Former national defence minister Jason Kenney criticized Mr. Chan, then Ontario's minister of citizenship, immigration and international trade, saying he lacked commitment to Canadian interests and values. In late June, Mr. Chan threatened to sue Mr. Kenney within seven days if he did not apologize and retract his statements. A source close to Mr. Kenney said he has received no formal notice.

(Mr. Chan is suing The Globe and Mail for defamation.)

Mr. Chan, whose column appears weekly in the News, was one of several Liberals to praise the media agreement, which was announced on July 22 on the front page of People's Daily. It was also welcomed by Liberal MP for Scarborough-Agincourt Arnold Chan, who is the deputy government House leader, and Geng Tan, MP for Don Valley North. Teresa Wat, the B.C. government's Minister of International Trade, also joined in.

The outpouring suggests a "tolerance or even support" for the Chinese agenda, said Gao Bingchen, the Vancouver columnist whose writing was dropped by a local newspaper after he wrote critically about Mr. Wang. Such an attitude "may hurt Canadians and immigrants, new and old alike, who are very much disgusted with Communism," said Mr. Gao, who writes under the name Huang Hebian.

"Whether this is a step backward or constitutes appeasement is something worth consideration by all Canadian society," he said.

People's Daily has deals with local outfits in many countries, said Wanning Sun, an expert on Chinese influence in Australian media at the University of Technology Sydney. "The general tendency has been for the Chinese state media to make its presence felt as globally as possible," she added. In her view, this comes from China's impression that the Western press does not represent it fairly.

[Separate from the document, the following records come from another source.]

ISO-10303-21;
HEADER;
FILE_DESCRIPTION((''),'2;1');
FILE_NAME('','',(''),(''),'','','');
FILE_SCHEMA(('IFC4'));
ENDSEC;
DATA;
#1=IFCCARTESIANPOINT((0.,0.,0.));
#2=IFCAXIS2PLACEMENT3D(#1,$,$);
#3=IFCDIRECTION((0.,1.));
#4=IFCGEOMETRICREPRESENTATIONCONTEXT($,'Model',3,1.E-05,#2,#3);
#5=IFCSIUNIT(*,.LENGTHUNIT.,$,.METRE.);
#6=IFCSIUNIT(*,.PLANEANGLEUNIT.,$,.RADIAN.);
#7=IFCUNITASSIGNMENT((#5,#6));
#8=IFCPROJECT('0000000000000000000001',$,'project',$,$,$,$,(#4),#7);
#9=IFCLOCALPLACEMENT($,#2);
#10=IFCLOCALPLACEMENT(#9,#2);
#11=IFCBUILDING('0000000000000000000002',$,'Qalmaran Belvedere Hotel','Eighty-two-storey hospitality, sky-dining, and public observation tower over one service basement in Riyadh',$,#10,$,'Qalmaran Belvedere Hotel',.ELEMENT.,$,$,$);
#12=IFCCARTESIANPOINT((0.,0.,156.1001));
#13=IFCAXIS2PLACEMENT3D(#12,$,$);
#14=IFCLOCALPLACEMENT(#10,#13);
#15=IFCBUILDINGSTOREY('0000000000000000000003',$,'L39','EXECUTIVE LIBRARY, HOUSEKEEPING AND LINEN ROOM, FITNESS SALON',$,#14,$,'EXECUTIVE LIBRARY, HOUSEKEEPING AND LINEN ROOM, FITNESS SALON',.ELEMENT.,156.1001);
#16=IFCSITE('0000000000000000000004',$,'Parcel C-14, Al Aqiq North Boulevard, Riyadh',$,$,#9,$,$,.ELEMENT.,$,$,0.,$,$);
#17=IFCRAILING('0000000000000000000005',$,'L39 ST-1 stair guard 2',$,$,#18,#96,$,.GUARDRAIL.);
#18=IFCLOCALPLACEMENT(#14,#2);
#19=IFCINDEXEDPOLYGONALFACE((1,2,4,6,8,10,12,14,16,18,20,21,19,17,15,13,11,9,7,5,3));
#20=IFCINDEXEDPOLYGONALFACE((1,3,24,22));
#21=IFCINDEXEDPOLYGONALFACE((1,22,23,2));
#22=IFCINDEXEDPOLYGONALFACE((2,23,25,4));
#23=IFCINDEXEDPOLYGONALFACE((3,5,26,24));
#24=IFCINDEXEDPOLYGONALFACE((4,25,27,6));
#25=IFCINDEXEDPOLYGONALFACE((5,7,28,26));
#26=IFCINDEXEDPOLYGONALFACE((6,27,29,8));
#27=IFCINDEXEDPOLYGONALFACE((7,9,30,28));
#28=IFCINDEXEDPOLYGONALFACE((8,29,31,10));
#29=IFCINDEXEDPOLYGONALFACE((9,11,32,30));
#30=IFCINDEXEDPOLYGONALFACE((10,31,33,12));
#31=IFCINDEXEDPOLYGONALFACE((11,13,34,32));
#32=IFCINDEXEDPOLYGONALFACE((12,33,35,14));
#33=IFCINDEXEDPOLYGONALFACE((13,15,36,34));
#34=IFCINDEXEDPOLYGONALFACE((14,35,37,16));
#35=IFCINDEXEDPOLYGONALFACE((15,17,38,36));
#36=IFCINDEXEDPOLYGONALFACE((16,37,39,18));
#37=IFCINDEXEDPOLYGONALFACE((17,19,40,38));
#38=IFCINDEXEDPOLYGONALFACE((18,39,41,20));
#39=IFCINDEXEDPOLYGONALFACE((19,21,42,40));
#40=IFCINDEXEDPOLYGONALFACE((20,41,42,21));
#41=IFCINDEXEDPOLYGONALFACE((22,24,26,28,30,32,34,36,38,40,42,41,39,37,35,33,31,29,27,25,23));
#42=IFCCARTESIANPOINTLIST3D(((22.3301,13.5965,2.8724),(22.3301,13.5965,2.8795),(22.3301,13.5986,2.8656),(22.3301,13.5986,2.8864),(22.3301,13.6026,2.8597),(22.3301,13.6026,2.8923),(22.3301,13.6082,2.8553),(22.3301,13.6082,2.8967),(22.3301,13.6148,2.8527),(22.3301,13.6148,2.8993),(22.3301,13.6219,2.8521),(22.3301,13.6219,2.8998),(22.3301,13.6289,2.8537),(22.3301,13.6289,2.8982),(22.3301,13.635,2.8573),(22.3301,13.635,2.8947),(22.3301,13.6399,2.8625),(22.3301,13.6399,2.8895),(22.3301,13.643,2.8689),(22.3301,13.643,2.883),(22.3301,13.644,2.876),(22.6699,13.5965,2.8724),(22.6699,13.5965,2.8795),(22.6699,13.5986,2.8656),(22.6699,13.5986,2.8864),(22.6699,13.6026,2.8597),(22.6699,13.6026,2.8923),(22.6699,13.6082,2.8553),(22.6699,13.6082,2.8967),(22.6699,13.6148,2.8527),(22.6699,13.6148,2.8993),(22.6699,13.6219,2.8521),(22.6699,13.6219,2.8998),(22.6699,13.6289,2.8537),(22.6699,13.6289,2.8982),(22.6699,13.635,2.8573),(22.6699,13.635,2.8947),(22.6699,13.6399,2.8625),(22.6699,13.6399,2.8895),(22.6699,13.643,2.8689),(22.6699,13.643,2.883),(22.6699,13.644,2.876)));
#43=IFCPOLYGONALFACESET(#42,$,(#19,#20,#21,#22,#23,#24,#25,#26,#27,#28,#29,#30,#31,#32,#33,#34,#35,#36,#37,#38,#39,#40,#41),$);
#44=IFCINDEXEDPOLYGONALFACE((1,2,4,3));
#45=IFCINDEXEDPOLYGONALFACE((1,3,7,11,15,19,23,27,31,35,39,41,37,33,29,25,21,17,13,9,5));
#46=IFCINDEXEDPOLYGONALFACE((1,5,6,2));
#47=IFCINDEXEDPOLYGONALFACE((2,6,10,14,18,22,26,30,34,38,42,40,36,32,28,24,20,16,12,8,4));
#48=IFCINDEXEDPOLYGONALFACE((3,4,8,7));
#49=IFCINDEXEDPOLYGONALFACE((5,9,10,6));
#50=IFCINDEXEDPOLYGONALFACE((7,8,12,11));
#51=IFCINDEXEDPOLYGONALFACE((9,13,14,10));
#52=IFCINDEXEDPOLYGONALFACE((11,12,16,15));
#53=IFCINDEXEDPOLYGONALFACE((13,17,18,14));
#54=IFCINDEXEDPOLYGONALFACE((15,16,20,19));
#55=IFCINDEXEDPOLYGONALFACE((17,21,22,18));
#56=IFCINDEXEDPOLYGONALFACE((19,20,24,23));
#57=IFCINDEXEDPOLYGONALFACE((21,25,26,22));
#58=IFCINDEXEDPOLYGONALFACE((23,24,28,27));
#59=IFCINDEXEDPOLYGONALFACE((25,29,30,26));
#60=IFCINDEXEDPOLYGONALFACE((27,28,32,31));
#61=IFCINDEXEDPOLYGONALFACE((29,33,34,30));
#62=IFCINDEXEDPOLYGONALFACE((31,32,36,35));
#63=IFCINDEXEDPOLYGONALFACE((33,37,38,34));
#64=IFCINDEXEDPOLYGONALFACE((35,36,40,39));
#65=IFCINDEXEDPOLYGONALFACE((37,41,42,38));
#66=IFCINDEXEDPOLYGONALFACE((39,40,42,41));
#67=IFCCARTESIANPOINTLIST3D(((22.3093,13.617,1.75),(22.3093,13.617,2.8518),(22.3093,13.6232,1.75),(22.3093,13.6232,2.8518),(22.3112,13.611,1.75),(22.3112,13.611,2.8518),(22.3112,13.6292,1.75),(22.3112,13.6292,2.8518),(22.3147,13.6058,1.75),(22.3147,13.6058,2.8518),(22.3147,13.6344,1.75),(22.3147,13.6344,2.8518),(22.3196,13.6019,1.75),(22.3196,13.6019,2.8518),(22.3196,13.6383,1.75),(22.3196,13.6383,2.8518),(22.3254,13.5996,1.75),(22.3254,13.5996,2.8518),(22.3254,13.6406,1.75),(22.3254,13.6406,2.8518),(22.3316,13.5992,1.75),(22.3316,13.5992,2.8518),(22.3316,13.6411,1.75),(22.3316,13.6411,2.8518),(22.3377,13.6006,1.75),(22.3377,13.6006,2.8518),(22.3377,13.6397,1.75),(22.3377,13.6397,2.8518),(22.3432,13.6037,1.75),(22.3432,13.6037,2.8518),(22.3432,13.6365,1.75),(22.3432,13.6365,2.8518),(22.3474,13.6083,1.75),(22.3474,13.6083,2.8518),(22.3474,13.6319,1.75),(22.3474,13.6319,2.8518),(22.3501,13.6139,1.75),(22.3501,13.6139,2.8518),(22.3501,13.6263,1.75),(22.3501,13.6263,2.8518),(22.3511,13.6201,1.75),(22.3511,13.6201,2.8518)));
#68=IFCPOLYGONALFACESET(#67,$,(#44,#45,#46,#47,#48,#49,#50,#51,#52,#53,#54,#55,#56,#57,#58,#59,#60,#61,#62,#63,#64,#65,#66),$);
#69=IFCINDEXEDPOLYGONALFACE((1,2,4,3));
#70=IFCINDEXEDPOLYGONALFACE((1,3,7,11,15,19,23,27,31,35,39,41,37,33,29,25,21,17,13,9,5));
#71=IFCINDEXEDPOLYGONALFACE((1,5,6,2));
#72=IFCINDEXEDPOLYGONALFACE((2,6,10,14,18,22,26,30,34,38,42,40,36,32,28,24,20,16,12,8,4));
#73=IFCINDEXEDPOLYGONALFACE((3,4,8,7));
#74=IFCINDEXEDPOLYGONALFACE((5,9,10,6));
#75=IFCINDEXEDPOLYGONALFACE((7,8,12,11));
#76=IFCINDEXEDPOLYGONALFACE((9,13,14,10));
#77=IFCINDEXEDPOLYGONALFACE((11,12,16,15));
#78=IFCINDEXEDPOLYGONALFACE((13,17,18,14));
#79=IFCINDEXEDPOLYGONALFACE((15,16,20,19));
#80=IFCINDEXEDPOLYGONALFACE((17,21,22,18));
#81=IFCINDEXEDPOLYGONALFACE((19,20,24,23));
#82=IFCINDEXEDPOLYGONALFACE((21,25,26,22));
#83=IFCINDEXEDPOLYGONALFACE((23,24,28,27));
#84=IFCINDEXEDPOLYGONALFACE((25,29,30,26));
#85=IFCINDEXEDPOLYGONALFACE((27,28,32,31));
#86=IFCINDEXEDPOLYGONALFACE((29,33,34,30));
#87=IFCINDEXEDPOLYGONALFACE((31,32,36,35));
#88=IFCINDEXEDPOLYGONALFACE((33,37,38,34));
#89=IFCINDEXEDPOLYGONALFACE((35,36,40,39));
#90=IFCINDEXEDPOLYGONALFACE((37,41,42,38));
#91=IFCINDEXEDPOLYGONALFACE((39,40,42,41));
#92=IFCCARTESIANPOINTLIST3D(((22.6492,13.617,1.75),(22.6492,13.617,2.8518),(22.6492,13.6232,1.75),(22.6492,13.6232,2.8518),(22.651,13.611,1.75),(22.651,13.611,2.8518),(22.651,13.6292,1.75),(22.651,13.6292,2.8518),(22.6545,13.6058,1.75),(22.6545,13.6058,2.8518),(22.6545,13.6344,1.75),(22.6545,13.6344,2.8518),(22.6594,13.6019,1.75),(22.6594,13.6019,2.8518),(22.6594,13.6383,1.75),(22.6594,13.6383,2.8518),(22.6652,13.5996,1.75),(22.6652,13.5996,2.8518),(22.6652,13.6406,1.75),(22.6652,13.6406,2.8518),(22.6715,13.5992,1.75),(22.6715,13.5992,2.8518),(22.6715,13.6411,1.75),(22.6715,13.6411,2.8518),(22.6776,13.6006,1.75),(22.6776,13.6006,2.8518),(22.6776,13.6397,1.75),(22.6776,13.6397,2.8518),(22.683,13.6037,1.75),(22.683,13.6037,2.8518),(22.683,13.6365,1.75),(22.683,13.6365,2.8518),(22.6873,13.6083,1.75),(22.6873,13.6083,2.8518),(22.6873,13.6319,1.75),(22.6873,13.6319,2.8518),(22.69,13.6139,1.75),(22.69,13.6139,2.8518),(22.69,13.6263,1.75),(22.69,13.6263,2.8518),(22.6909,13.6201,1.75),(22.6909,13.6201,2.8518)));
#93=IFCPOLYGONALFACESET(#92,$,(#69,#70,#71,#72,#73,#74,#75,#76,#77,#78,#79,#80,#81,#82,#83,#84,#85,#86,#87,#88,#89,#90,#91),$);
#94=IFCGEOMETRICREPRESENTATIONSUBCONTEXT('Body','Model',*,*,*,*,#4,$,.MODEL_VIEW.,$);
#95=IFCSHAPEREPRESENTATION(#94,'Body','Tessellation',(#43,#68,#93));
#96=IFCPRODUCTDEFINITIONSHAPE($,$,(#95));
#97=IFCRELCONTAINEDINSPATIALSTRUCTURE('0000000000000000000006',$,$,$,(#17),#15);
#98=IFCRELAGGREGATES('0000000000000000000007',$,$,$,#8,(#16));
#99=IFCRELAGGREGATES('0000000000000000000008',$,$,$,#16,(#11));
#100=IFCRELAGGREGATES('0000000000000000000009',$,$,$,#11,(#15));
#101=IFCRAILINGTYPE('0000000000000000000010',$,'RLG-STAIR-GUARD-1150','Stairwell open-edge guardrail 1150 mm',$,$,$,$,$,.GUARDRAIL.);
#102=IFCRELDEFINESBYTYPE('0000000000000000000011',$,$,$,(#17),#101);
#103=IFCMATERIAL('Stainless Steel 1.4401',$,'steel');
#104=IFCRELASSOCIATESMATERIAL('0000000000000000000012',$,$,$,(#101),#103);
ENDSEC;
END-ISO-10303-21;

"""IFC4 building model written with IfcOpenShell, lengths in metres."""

from ifc_helpers import new_model, si_unit, direction, frame, origin, origin_2d, place, context, subcontext, project, spatial, circle, extrude, material, type_object, element, save


model = new_model("IFC4")

# Units and contexts
model_context = context("Model", 3, precision=1e-05, world=origin(), true_north=direction((0.0, 1.0)))
body_context = subcontext(model_context, "Body", "Model", "MODEL_VIEW")
ifc_project = project(units=[si_unit("LENGTHUNIT", "METRE"), si_unit("PLANEANGLEUNIT", "RADIAN")], contexts=[model_context])

# Site, building, storey
site_placement = place(None, origin())
site = spatial("IfcSite", under=ifc_project, at=site_placement, Name="Parcel C-14, Al Aqiq North Boulevard, Riyadh", CompositionType="ELEMENT", RefElevation=0.0)
building_placement = place(site_placement, origin())
building = spatial("IfcBuilding", under=site, at=building_placement, Name="Qalmaran Belvedere Hotel", Description="Eighty-two-storey hospitality, sky-dining, and public observation tower over one service basement in Riyadh", LongName="Qalmaran Belvedere Hotel", CompositionType="ELEMENT")
storey_placement = place(building_placement, frame((0.0, 0.0, 156.1001)))
storey = spatial("IfcBuildingStorey", under=building, at=storey_placement, Name="L39", Description="EXECUTIVE LIBRARY, HOUSEKEEPING AND LINEN ROOM, FITNESS SALON", LongName="EXECUTIVE LIBRARY, HOUSEKEEPING AND LINEN ROOM, FITNESS SALON", CompositionType="ELEMENT", Elevation=156.1001)

# Shared definitions
ifc_material_1 = material(Name="Stainless Steel 1.4401", Category="steel")

# Railing
railing_type_1 = type_object("IfcRailingType", Name="RLG-STAIR-GUARD-1150", Description="Stairwell open-edge guardrail 1150 mm", PredefinedType="GUARDRAIL", material=ifc_material_1)
railing_1_placement = place(storey_placement, frame((22.3301, 13.6201, 1.75)))
element("IfcRailing", 1, at=railing_1_placement, inside=storey, type_object=railing_type_1, Name="L39 ST-1 stair guard 2", PredefinedType="GUARDRAIL", context=body_context, shape_type="SweptSolid", body=[
    extrude(circle(Radius=0.0239, at=origin_2d()), frame((0.0, 0.0, 1.126), z_axis=(1.0, 0.0, 0.0), x_axis=(0.0, 1.0, 0.0)), (0.0, 0.0, 1.0), 0.3398),
    extrude(circle(Radius=0.021, at=origin_2d()), origin(), (0.0, 0.0, 1.0), 1.1018),
    extrude(circle(Radius=0.021, at=origin_2d()), frame((0.3398, 0.0, 0.0)), (0.0, 0.0, 1.0), 1.1018),
])

save(model, "model.ifc")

China has been on a media spending spree, using its state news organizations, business executives and money to ease its way onto pages and screens across the world. A special "China Watch" section of the China Daily appears in the Washington Post and Le Figaro, among other periodicals.

Prof. Sun cautioned against overreaction. Immigrants from mainland China are quite skeptical of propaganda and unlikely to be taken in, while those hungry for the Chinese party line already know where to get it.

"Hand-wringing on behalf of white mainstream media outlets is pretty knee-jerk, really," she said. "China is actually doing this in a very public way. They think there's nothing to hide."